Apprenticeship wages are geared around someone starting an apprenticeship at 15 or 16, in the main. But Labor seems to always want them to start at 17 and 18. This is straight out of the Australian Education Union’s mouths. They want to keep kids in the school until year 12 because it justifies the money that they want the school system rather than the vocational education system to have. I also believe that, under Labor’s enterprise approach on this, one of the first lessons would be to show them how to join a union, because under a Labor government it will be ‘no ticket, no start’, and everybody in Australia understands that.

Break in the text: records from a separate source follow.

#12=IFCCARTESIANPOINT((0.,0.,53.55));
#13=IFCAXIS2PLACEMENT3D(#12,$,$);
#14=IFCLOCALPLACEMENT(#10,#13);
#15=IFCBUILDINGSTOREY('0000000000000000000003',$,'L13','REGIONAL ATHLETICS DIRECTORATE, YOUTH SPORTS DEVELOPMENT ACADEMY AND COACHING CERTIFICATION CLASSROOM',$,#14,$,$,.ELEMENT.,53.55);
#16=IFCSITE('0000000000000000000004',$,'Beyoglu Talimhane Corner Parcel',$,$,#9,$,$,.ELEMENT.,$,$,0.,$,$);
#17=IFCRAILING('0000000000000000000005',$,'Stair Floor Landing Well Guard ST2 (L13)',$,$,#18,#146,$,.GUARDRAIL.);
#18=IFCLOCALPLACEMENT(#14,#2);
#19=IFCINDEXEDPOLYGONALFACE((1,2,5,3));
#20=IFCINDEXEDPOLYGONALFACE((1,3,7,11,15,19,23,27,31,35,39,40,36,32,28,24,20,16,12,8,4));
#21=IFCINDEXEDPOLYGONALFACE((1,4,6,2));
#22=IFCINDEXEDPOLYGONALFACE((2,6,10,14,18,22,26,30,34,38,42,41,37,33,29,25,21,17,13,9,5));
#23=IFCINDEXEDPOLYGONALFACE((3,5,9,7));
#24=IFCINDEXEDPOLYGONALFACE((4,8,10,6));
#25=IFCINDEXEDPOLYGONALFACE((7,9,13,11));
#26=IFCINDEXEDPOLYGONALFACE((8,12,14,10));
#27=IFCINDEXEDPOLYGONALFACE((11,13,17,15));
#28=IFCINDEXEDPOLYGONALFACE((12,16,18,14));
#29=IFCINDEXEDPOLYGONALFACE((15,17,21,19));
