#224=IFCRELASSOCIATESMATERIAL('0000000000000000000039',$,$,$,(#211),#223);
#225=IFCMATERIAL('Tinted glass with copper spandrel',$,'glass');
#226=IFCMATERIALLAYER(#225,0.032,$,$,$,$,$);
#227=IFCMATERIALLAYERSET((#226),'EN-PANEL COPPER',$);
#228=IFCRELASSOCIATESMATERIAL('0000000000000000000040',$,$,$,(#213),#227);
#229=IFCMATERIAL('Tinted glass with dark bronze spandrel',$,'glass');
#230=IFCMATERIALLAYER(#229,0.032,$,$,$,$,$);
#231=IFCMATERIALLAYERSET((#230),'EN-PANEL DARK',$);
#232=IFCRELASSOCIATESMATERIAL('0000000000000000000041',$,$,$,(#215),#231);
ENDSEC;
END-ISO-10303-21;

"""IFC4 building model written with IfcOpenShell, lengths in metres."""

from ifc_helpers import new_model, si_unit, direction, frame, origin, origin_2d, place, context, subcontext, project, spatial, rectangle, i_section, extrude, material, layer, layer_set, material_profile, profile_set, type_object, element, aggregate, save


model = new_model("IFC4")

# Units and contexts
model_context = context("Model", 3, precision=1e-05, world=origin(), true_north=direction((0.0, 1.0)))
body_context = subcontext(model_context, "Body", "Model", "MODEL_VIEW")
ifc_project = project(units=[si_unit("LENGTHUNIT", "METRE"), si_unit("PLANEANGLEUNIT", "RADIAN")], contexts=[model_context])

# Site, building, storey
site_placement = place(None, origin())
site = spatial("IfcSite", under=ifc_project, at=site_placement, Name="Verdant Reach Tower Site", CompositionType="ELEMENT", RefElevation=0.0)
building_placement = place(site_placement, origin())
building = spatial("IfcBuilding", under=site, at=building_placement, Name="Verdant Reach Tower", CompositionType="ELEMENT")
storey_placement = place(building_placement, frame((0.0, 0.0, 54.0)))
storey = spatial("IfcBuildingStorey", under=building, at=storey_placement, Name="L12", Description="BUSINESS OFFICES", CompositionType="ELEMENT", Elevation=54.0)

This government is instead saying, ‘We’ll back personal initiative and personal ambition.’ We want to give a hand up to those who are unable, perhaps through the restrictions in wages that they face in their first couple of years of training, to justify taking on that training to start with. We will give them the extra assistance—assistance that was never on the books and never available under the previous Labor government. In every possible way, the Social Security Amendment (Apprenticeship Wage Top-Up for Australian Apprentices) Bill 2007 furthers the ambition of this government to have a work-ready, capable and well-skilled Australian workforce for the decades ahead. The challenges are enormous in an environment in which there are so many jobs and not enough people. The competitive opportunities that kids have the power to choose from are immense. The earlier we get the kids involved in trade training the better, and the more encouragement they hear from people such as us, regardless of our political complexion, the better. I would simply ask Labor members to speak about things in that kind of positive way. They need to talk up the ambitions of the trades. I see that the member for Batman is next, and I am sure that he will. But there are others on the other side who frankly do not get it and do not understand the value of doing things with your hands.